I’ve been prototyping various means to deliver & build legal knowledge — with a specific consideration of bolstering Access to Justice. One pathway, of course, is Visualized Law.
I’ve been playing with it with cartoons and illustrations, and in other forms (hyperlinked, layered checklists — visual expert systems).
One promising prototype is the Visual Mind Map, that is hyperlinked & lively with images, videos, & other cues that can guide the user through. The promise of such a map is that it lets the user locate themselves in a specific cluster of resources within a broader field of information. They can see the broad scope of the area they are in, while still focusing in on what precise information they need to retrieve & actions they need to pursue.
What would such an interactive legal mind map look like in practice? See this embedded Popplet for a first generation play with this format. I’ve used Popplets a lot for my own brainstorming, paper-writing, research, and collaborations with teams. I know there is great potential in scoping out a version of such a mind-mapping specifically for legal resources.
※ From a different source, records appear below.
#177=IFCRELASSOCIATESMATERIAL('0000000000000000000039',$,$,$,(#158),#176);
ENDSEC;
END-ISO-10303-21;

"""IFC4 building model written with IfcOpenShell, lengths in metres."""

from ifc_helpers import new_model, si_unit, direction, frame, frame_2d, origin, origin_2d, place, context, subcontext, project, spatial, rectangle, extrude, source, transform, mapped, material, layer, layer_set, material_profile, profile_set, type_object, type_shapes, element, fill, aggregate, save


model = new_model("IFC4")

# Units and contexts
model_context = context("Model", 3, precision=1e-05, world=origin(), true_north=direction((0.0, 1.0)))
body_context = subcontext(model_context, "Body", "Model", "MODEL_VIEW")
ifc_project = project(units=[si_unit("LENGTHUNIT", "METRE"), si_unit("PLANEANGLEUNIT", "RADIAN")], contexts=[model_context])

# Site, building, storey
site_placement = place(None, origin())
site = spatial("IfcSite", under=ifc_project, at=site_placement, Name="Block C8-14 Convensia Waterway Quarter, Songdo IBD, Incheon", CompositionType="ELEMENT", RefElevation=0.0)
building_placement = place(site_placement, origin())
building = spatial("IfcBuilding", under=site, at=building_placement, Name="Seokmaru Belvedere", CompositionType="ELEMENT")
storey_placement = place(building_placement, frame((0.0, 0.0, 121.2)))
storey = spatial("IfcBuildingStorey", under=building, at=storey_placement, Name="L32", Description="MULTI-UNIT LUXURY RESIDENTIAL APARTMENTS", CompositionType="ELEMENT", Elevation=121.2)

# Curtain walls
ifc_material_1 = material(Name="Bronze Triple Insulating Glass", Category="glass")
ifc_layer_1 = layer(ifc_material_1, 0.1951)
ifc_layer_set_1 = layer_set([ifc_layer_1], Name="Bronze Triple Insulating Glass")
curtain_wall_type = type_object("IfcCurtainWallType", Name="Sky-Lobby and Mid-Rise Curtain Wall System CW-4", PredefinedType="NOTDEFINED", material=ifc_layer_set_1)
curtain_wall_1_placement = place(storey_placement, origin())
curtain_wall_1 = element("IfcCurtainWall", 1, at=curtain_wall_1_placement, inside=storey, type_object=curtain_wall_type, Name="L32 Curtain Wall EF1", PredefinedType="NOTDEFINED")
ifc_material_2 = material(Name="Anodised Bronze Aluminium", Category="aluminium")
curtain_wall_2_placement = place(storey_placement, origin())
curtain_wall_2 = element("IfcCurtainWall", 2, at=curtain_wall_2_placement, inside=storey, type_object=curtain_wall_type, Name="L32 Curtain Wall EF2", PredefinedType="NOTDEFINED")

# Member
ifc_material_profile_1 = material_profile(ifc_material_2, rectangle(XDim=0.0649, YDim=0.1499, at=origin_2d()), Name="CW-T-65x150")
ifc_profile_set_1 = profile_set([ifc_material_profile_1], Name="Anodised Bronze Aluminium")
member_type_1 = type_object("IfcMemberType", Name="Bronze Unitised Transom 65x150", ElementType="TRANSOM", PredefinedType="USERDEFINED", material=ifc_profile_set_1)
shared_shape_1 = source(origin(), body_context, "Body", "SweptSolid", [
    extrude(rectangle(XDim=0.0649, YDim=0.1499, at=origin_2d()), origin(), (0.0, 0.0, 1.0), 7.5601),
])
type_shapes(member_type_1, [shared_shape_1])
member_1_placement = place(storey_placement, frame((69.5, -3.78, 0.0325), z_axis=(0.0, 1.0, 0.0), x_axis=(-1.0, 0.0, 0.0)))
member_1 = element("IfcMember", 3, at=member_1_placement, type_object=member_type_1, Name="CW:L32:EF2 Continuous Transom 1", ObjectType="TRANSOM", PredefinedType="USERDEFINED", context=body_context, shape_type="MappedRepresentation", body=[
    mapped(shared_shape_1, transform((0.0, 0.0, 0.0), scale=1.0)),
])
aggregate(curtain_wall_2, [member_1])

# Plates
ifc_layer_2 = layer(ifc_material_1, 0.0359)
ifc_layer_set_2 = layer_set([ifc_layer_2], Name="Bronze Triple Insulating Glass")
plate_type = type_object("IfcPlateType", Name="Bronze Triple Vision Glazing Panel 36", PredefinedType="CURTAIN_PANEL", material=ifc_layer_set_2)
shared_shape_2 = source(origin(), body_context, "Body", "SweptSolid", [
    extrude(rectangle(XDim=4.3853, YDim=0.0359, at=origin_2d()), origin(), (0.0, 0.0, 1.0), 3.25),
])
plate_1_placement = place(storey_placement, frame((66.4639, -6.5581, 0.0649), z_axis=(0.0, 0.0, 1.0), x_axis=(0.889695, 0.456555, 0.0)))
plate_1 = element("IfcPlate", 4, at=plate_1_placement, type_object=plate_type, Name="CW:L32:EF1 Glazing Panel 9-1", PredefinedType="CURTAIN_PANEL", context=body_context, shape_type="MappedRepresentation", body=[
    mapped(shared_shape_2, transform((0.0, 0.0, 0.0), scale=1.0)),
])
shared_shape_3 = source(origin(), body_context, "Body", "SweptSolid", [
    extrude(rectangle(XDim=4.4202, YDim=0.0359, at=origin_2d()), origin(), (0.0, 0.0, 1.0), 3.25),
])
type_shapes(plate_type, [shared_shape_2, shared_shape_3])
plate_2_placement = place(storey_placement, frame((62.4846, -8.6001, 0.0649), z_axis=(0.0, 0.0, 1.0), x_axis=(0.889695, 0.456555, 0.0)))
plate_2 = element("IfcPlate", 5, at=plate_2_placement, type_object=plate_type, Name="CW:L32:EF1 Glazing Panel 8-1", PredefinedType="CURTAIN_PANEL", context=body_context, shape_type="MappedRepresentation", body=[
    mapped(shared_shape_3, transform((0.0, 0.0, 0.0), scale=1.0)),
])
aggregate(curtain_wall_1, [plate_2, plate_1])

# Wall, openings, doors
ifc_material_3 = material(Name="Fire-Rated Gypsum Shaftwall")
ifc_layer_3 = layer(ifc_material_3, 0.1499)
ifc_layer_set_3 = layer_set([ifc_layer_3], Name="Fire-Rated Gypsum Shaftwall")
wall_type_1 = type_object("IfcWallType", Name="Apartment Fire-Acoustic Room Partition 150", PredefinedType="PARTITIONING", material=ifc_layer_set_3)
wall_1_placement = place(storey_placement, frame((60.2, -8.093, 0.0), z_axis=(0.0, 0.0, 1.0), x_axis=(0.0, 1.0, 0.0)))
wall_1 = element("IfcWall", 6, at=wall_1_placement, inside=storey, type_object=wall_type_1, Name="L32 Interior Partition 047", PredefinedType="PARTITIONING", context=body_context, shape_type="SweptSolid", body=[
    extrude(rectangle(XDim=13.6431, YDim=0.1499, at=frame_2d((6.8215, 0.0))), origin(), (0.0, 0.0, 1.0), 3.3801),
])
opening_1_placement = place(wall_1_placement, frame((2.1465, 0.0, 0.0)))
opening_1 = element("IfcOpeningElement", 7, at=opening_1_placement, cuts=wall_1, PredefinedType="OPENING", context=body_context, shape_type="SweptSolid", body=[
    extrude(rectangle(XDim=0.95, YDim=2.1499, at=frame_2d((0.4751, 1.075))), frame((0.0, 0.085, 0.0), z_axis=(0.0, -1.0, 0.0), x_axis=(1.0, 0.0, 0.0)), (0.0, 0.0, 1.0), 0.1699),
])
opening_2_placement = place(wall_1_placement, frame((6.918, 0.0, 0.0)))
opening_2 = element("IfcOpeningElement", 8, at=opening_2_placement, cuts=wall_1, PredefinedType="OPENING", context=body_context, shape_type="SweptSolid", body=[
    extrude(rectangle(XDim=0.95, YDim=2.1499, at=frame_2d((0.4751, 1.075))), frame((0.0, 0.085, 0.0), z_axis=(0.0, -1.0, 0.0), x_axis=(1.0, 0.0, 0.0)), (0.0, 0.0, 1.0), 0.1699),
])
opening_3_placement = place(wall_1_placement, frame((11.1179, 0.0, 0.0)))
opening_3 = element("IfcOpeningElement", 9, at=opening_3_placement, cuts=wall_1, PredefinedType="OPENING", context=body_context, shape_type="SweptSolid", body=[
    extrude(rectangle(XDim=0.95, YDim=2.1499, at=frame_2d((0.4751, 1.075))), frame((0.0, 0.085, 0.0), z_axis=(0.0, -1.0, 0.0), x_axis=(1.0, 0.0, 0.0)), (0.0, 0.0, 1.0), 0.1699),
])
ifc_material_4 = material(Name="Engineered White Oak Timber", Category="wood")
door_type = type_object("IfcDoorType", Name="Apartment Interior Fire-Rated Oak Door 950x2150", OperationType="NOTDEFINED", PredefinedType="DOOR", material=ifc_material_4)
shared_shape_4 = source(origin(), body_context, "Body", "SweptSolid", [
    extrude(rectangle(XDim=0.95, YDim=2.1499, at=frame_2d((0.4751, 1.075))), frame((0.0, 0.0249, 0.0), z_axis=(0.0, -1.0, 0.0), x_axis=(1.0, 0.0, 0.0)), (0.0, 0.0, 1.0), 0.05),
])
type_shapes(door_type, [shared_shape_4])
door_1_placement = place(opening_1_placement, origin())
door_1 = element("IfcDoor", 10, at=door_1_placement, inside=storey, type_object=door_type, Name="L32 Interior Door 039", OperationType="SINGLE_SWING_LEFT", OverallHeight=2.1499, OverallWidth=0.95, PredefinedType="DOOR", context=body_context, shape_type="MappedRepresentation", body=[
I see a future mash-up of interactive mind map diagrams with a curated, semi-open wiki format. I would love all the legal knowledge and advice out there on a specific legal problem to be extracted out of forums, pamphlets, q-and-as, blog posts, news articles, and other random clips of text around the web — and diagrammed out clearly & visually (if not beautifully too).
I can understand legal topics better when they are composed on the page in a meaningful way, and my guess is that most people with legal problems who are searching around the Internet would also benefit from a Legal Map to ground them & guide them. No more blocks of text!